# ADSL options



## snikpoh (Nov 19, 2007)

OK, I know it's been discussed many times but I really can't find an answer to this one.

Friends have just moved into a house just outside of town. They desperately need internet as husband works away and needs to be in contact with the family.

They might be able to get a fixed line but could only get 1Mb ADSL
They have tried their local WiFi provider but they tried a 10m pole on top of the house and still got no signal. Can you get longer poles for the garden - if so, where?
Mobile dongle is the next suggestion but will they fall foul of the download limit when using Skype 3 or 4 times per week?

How expensive is satellite ADSL? 

If they sign up for a subscription TV service, can they provide ADSL somehow?

Are there any other options?


----------



## thrax (Nov 13, 2008)

The satman will know (maybe). Dongle will probably not work well if they want to Skype regularly. The 1mb speed of an ADSL line is a bit of a puzzle as it should be considerably more. In the end, if they can afford it, a sat connection will probably be best.


----------



## snikpoh (Nov 19, 2007)

thrax said:


> The satman will know (maybe).
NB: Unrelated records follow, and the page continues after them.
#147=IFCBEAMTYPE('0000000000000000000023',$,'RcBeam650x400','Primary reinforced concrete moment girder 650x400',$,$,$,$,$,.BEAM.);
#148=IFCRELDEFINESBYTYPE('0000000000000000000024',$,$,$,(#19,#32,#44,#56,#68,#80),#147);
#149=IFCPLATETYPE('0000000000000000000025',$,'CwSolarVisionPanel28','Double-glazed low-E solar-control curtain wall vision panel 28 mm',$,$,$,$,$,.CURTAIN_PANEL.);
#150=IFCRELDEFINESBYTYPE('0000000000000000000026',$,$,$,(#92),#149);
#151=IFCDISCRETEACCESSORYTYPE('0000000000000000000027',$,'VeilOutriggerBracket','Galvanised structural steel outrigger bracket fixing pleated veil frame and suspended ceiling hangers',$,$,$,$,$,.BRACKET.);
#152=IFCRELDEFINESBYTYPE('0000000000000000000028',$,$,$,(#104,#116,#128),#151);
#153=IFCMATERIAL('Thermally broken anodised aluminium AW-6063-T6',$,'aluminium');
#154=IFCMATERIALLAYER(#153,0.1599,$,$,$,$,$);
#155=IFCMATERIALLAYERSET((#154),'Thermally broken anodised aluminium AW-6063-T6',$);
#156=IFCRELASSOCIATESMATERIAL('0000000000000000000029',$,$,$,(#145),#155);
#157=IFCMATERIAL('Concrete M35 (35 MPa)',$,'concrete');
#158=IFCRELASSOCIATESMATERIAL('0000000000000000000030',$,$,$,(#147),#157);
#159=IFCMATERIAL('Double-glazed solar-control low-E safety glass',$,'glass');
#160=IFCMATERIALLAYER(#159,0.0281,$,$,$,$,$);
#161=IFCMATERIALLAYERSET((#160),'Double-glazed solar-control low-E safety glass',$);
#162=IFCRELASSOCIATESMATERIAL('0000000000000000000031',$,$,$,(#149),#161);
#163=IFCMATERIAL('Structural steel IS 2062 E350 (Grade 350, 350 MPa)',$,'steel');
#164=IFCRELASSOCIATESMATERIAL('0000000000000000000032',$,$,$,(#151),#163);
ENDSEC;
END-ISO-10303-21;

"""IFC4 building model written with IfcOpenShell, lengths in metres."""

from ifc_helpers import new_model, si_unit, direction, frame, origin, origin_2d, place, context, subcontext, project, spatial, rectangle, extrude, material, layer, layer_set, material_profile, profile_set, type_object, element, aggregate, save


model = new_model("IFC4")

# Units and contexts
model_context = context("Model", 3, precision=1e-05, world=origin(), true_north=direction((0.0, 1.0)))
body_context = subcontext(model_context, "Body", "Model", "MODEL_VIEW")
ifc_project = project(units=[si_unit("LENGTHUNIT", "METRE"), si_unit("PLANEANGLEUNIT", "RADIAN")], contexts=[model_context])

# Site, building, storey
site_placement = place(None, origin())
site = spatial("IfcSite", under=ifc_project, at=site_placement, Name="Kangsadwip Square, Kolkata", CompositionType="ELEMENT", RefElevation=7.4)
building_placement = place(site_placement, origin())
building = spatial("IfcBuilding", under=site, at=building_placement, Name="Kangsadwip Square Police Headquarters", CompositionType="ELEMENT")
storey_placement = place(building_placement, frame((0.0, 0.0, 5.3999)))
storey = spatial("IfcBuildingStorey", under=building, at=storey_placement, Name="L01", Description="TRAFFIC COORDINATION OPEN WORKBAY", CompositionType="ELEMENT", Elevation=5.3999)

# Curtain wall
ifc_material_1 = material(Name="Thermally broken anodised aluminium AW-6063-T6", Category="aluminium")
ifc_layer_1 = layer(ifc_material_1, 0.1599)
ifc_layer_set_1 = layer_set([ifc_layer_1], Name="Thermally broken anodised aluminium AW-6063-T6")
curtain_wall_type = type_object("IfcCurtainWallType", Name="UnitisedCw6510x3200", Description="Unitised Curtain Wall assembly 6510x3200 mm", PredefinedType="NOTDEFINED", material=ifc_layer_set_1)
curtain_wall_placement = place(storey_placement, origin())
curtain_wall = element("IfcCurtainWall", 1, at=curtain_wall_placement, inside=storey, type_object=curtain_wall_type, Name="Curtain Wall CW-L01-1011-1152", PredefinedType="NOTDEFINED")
Dongle will probably not work well if they want to Skype regularly. The 1mb speed of an ADSL line is a bit of a puzzle as it should be considerably more. In the end, if they can afford it, a sat connection will probably be best.
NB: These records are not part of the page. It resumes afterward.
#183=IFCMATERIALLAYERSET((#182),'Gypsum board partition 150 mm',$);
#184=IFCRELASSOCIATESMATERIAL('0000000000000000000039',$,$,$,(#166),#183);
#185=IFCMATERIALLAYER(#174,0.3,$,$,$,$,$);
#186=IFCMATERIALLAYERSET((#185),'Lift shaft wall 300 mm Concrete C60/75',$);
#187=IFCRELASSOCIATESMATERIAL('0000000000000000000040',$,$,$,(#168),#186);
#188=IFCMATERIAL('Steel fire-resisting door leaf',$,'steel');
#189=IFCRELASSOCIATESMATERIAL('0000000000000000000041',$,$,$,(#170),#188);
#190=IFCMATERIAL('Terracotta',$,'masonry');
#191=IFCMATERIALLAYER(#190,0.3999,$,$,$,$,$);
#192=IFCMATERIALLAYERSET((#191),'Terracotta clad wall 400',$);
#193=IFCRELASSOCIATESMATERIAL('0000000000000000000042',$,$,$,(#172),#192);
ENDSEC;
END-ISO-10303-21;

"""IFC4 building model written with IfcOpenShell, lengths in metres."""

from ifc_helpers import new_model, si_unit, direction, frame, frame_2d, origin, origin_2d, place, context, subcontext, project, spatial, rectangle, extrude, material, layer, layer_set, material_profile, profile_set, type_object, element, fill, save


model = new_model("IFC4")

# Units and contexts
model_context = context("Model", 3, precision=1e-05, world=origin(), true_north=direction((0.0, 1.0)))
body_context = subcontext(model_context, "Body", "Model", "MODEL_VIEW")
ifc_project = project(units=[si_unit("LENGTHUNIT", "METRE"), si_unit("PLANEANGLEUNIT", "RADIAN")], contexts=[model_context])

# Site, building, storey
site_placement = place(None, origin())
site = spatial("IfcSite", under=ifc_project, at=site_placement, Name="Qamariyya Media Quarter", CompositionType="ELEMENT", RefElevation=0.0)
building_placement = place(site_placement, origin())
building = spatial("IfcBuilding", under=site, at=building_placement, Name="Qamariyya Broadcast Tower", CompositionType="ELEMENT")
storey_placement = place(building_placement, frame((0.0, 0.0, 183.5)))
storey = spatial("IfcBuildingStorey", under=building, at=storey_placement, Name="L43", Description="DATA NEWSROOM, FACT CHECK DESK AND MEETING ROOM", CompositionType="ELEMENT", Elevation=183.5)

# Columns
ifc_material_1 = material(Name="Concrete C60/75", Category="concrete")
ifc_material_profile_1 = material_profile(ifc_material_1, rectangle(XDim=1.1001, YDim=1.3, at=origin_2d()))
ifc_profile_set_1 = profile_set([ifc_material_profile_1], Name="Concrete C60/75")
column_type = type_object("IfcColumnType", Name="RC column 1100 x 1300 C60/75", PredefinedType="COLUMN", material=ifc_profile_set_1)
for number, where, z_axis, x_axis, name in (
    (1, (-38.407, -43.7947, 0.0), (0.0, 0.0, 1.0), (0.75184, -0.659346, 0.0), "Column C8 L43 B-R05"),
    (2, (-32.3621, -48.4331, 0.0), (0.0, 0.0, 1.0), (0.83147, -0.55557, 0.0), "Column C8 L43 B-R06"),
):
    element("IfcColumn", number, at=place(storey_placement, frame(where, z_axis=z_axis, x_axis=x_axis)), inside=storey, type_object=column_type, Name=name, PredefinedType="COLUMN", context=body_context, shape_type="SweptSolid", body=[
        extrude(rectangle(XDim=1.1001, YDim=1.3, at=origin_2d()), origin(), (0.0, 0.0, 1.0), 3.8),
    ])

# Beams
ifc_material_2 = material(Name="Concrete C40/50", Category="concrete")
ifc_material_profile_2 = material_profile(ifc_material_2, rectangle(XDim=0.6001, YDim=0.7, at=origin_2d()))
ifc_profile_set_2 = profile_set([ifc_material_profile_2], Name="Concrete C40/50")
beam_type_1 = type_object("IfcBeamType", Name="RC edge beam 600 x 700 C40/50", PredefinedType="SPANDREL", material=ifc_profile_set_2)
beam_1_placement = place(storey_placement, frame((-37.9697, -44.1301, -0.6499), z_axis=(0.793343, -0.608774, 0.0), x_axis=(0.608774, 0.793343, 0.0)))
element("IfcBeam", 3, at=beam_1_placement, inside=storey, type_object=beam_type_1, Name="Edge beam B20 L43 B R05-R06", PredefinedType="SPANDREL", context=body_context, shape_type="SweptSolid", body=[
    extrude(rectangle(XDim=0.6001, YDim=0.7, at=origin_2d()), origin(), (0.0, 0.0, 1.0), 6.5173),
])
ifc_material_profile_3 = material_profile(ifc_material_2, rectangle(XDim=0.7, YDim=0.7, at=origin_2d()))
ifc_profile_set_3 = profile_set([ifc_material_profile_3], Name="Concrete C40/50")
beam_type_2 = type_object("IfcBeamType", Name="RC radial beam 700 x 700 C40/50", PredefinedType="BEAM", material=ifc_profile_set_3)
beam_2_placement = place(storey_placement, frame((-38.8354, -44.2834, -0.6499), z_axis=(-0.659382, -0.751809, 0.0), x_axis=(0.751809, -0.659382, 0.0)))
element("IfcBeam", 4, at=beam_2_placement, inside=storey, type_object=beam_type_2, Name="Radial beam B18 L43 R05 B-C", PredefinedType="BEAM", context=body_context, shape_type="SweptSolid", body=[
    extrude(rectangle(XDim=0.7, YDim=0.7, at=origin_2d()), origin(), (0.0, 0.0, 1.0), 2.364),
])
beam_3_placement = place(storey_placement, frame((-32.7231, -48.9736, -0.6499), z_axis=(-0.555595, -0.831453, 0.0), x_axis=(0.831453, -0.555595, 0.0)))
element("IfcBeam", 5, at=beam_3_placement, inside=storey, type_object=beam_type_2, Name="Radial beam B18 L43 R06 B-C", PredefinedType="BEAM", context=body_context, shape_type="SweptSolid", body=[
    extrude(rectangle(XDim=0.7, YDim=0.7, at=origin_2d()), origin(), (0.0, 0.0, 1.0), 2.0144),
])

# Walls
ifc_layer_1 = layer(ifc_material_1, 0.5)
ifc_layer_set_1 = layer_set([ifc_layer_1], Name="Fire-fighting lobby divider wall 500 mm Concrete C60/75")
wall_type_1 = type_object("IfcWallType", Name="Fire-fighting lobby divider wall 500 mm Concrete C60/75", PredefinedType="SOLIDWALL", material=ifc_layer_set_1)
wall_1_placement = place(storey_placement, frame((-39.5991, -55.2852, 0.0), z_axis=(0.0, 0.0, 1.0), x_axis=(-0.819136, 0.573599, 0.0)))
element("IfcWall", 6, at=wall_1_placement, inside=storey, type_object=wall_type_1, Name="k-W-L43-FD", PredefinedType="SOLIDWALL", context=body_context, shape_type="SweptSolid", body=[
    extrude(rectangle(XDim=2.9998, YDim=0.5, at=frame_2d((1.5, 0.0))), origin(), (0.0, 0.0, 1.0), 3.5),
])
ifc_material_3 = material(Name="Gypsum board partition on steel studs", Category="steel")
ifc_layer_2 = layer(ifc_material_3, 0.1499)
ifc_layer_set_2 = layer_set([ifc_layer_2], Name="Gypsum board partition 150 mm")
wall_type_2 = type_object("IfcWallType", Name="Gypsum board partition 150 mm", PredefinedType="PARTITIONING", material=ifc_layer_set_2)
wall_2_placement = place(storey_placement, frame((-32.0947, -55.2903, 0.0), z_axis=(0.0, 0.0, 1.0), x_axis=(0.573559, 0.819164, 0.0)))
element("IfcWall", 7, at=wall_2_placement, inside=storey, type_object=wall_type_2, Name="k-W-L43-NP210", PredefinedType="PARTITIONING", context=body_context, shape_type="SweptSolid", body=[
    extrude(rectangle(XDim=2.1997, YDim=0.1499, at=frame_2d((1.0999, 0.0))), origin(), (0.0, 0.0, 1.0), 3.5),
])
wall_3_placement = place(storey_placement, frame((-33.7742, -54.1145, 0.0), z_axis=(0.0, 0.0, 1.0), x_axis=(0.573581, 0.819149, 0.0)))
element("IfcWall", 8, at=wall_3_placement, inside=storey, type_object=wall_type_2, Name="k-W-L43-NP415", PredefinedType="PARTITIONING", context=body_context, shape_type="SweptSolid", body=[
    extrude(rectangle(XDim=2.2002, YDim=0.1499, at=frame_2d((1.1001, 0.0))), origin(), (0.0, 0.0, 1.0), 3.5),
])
If you live in the campo, Telefonica (Movistar) will only guarantee 512K. We managed to get 1Mb and we were lucky. We were told that it was because we were too far from the box (forgotten the name).

Unless you live in a town, Movistar really are very poor for fixed line ADSL.


----------



## thrax (Nov 13, 2008)

We live in the campo and get 10mb but not ADSL. Have you/they explored all the possible providers? If you have then for now I would recommend satellite internet, particularly as it is so important for them to stay in touch


----------



## snikpoh (Nov 19, 2007)

thrax said:


> We live in the campo and get 10mb but not ADSL. Have you/they explored all the possible providers? If you have then for now I would recommend satellite internet, particularly as it is so important for them to stay in touch


What system do you use? Are you on MiFi or satellite?


----------



## thrax (Nov 13, 2008)

It's airmax - wifi.


----------



## snikpoh (Nov 19, 2007)

Can't find a Tooway supplier nor a supplier of Airmax. Seems there is no way to get Internet in Ontinyent if you are not in sight of a WiMAX mast. Even Movistar/Telefonica won't help as the 'exchange is full'.!!!!!!!!!!!!!!!!!!!!!

Are there really no Satellite internet companies supplying this area?


What a second-rate country when it comes to the Internet (unless you live in a large city).


----------



## thrax (Nov 13, 2008)

Have you tried Sky TV Spain. UK TV Spain. Freesat TV Spain. Sky TV Installers. Satellite TV Installers Costa Blanca. Costa Blanca Satellite TV. Satellite Dish. Set Top Boxes. Digiboxes. UKTV Spain. British TV in Spain. Internet TV. British TV Spain. IPTV Spain. Exp

Whilst he is a satellite tv guy, he is also a whizz with computers and he may be able to direct you to a good supplier...


----------



## snikpoh (Nov 19, 2007)

thrax said:


> Have you tried Sky TV Spain. UK TV Spain. Freesat TV Spain. Sky TV Installers. Satellite TV Installers Costa Blanca. Costa Blanca Satellite TV. Satellite Dish. Set Top Boxes. Digiboxes. UKTV Spain. British TV in Spain. Internet TV. British TV Spain. IPTV Spain. Exp
> 
> Whilst he is a satellite tv guy, he is also a whizz with computers and he may be able to direct you to a good supplier...


Thanks. I've emailed him already and am just awaiting a reply.


----------



## snikpoh (Nov 19, 2007)

Just bumping this thread as my friends still have no internet!

It seems that their only option is Satellite internet but no one seems to supply this area .....

unless some kind person on this forum knows differently.

Movistar - no spare capacity in exchange
Orange - promise the earth then don's/can't deliver
Vodafone - *guarantee *4Mb using Movistar cabling (see above!!!!!!!!!!!!)
Tooway - no installers this part of Spain
Airmax - don't cover this area
WiMAX suppliers - can't get a signal


----------



## thrax (Nov 13, 2008)

Did the sat man get back to you?


----------



## snikpoh (Nov 19, 2007)

thrax said:


> Did the sat man get back to you?


Yep - he didn't know of any installers here.


----------



## thrax (Nov 13, 2008)

Oh dear....


----------